I, however, was the antithesis of Dean. In every conceivable way. So whenever we were around him I was always keenly aware of how uncool I was. Not that it mattered much. I'd already embraced this fact of misfit life early on and bore it like a cross through every waking school day. I mean, hell, I was gonna become a comic book artist! Talk about being on the fast track to living in social oblivion. But once Brad and I started making minicomics—what I presumed to be an unmistakably determined step toward my dream career—Dean took one look at some pages I'd drawn and dismissed them to Brad by saying, "Looks like [Sean] has that How to Draw Comics the Marvel Way book." Brad was quick to relay this tidbit from Dean and while I did my outward best to take it in nonchalant stride the truth is my soul had been sufficiently crushed. Not only because, yes, I did own that particular book—I carried it around like a pimple-faced Mormon on an oh-so-righteous Bible-thumping mission—but Dean's one quick cut of criticism exposed the one insecure nerve about my art that I'd suspected but not yet wanted to acknowledge: I had no personal style. And, just like skateboarding, style does matter [3].
Fortunately, I was only a year or so away from walking through that fabled portal on Main Street into the alternate dimension of skateboarding, and once that transpired I immediately ceased to draw comics the Marvel way and switched influential gears to draw skate graphics the VCJ, Pushead, and Jim Phillips way [2]. All in all, this turned out to be a much better path for my illustrative skillset. I've always lacked a certain loose yet deliberate flourish that is required to churn out page after page of flowing comic panels, and I not slipped into the skateboard industry via a cosmic crack in the universe then I definitely would've had all my comic art aspirations dashed on the harsh rocks of reality for the very reason Dean had reckoned. But I thought, you know, maybe just this once that I could draw heroes, just for one series.
Jesus H. Christ, was that ever a long way to go just for an awkward if not throwaway Bowie quip. —Sean Cliver
**************************
1. I guess what I'm not so nimbly trying to say is that we had a fuck lot of things going on and I wasn't at all able to rally my synapses to pull together this standard promotional aspect of the release in a timely manner. Now, a week and change after the launch fact, I probably didn't need to spend valuable time doing this, but I still wanted to find a home on the site for Max and Timmy's "Pop Art" VX video effort.
2. Occasionally I would attempt to do so all at once with precisely the horrific three car pileup of styles you'd expect.
3. Take this from the guy who, as mentioned before, knows all too well that it looks like he's trying to communicate via ASL to an invisible assemblage of deaf spectators while skating.
Cliver you Marvel comic drawing oracle of oral; Thank you. That sad bastard shot on my doorstep and thru the back door like a 13 year olds pre mature ejaculation.
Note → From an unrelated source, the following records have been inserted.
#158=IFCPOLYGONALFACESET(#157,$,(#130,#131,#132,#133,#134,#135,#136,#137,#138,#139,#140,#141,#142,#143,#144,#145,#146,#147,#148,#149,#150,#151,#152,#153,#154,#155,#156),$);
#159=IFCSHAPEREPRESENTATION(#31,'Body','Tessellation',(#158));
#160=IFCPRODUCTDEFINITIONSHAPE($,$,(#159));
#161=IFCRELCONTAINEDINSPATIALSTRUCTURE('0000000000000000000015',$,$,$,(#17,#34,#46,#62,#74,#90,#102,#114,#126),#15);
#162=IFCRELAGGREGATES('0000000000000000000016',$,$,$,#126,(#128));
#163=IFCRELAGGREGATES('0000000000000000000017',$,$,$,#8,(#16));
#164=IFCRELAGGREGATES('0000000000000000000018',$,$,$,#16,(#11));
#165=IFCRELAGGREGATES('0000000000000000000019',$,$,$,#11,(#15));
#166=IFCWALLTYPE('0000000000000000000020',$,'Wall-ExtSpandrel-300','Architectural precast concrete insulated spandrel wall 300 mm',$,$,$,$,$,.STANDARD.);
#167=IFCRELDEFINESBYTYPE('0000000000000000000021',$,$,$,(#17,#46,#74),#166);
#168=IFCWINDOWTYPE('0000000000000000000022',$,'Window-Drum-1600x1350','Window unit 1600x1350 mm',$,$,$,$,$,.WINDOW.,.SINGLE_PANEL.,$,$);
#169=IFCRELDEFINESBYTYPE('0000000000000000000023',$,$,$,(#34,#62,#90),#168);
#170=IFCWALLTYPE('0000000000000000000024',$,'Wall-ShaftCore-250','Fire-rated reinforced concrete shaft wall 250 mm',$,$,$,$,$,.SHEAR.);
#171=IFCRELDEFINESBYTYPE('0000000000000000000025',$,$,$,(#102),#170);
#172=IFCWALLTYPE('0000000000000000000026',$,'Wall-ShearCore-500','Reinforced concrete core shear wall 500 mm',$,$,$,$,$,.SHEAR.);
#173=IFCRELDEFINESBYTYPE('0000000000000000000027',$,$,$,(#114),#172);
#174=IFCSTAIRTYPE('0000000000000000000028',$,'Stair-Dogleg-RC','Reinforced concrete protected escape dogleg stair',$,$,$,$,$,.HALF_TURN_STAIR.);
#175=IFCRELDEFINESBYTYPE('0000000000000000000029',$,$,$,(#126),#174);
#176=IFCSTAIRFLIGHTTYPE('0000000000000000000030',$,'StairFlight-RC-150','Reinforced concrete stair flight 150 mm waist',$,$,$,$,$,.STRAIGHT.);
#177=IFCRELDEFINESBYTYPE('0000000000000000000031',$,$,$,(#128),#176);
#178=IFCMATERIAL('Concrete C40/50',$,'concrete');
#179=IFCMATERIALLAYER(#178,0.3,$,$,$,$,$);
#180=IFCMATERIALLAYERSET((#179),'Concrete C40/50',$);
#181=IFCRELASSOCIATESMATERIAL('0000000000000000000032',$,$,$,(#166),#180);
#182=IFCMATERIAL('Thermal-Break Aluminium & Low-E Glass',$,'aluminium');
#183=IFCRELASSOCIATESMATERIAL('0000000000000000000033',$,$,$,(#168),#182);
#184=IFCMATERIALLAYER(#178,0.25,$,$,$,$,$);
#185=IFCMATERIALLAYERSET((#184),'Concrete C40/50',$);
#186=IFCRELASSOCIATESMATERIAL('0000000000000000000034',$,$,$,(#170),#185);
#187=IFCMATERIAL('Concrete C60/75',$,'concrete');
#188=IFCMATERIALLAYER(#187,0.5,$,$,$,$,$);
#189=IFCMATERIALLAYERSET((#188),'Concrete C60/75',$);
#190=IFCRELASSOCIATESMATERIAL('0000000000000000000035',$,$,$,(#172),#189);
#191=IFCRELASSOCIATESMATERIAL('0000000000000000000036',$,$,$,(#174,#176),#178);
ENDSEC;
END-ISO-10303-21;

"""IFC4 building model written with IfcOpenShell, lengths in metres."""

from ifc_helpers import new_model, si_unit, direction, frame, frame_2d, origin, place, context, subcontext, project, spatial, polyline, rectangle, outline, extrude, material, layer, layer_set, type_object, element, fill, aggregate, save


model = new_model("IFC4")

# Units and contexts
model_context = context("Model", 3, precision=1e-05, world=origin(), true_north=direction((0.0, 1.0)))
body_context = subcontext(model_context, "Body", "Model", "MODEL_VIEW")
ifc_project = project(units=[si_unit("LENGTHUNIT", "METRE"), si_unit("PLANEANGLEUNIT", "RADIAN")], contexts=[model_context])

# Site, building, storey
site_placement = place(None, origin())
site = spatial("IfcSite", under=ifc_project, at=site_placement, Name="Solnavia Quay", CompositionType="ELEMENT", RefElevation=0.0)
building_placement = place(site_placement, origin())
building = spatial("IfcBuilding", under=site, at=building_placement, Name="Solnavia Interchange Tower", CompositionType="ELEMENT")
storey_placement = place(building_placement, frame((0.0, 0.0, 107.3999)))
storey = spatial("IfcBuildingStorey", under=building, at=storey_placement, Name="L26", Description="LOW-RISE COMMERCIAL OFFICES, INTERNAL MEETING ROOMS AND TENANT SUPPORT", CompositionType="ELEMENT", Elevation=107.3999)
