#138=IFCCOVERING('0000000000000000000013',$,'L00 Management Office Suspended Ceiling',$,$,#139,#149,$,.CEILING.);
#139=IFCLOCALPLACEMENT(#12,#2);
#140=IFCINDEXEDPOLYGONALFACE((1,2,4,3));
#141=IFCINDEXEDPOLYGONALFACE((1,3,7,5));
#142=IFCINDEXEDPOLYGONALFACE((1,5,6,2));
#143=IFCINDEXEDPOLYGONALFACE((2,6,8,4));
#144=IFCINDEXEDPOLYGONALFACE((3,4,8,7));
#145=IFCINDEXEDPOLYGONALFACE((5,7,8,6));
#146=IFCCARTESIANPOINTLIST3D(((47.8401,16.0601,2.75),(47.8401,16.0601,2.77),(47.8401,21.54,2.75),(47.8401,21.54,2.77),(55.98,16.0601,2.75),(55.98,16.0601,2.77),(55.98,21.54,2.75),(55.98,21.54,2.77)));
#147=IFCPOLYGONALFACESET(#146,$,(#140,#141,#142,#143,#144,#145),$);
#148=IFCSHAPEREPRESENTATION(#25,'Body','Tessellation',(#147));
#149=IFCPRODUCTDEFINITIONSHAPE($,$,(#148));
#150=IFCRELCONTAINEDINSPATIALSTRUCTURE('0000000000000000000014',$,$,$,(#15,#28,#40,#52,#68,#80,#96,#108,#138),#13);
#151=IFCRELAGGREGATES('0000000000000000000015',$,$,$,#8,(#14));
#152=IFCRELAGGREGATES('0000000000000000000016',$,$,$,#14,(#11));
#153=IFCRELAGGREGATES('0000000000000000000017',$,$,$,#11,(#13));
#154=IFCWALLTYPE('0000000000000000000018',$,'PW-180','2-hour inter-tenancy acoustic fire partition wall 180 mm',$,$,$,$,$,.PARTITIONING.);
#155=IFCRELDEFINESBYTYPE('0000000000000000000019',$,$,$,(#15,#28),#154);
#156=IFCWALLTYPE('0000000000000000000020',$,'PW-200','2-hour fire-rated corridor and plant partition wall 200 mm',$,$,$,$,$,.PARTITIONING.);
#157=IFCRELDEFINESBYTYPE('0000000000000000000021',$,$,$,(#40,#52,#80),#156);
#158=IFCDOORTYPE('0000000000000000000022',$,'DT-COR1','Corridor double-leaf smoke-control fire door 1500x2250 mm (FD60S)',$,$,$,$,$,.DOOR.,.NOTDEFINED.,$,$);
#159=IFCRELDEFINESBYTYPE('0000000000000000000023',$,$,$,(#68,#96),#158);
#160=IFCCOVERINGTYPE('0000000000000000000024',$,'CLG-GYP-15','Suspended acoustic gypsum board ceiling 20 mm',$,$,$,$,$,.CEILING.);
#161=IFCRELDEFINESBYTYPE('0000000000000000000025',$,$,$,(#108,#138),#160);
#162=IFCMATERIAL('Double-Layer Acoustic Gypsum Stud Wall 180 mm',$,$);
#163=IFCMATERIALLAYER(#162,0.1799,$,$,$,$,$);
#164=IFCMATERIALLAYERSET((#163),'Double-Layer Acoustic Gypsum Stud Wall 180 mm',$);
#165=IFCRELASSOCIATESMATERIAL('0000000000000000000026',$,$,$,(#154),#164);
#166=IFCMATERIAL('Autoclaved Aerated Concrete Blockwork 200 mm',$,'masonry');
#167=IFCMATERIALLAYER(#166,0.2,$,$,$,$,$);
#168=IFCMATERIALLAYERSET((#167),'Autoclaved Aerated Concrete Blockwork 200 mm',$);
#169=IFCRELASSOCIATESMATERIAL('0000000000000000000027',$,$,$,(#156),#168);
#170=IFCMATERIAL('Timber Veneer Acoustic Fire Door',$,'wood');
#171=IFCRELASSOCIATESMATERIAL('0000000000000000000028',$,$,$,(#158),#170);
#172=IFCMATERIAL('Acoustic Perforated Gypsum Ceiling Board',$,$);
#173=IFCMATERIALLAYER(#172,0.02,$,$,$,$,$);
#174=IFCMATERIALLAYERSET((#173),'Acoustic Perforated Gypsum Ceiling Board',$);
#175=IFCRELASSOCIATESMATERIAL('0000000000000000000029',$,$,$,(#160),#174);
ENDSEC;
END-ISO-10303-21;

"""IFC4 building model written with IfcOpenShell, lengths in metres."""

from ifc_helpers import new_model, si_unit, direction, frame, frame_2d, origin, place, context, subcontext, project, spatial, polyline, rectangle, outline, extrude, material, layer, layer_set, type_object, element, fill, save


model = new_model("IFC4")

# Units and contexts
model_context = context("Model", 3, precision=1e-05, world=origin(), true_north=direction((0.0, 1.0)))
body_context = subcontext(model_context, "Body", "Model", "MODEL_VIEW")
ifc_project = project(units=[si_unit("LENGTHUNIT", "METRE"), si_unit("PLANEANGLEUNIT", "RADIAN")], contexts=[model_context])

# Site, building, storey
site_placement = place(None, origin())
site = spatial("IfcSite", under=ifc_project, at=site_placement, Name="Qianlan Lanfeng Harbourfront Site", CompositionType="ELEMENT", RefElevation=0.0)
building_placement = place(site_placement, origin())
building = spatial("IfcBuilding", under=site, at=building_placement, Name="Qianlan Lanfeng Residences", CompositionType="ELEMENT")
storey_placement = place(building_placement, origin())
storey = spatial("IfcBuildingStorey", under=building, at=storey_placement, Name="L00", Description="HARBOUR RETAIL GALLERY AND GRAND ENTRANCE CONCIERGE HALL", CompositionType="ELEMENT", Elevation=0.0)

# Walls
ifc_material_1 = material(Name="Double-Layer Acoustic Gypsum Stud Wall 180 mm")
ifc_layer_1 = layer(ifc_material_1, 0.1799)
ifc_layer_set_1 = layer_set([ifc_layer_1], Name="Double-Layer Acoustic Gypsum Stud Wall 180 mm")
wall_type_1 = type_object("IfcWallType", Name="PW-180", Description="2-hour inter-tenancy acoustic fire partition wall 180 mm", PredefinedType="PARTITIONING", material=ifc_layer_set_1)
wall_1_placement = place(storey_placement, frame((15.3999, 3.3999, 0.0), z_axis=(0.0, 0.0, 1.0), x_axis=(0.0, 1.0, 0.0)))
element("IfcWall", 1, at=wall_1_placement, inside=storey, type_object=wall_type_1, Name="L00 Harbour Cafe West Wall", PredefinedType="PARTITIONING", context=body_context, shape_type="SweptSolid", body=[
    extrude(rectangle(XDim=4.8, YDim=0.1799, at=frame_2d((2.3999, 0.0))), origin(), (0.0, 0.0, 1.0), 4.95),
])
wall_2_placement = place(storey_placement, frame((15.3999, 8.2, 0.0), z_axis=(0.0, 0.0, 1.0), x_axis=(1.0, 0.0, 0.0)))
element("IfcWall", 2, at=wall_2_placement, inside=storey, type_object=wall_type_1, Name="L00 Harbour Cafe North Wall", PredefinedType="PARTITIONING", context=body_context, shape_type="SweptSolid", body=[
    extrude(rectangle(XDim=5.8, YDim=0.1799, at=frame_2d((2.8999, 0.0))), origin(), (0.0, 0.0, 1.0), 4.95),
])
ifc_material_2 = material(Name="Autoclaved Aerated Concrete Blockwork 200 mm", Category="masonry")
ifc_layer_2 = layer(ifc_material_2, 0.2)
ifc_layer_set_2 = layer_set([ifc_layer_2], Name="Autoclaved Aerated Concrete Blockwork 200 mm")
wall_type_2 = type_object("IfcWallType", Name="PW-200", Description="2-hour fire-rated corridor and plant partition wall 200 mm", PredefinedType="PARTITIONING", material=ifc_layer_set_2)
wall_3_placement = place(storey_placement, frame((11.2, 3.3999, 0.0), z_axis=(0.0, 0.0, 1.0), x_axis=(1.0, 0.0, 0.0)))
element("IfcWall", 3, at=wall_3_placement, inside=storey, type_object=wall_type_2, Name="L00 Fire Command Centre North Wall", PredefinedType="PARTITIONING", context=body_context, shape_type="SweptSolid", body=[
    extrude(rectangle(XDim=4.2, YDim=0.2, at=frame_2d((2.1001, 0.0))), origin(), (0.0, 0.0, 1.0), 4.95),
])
I played drums with Robert Graves(RIP) guitar and Gwen (RIP) on bass in Rancho Rinconada in coop town in 1985. That was Funhouse. Got kicked out for skating Tom Cashman’s Ramp like a possessed sad bastard. They’d have to come pry me off the deck for band practice. Still fun as fuk and I loved them. Robert (RIP) would be proud. Thanks for honoring him on this deck. Pretty fucking rad that 45 grave branding.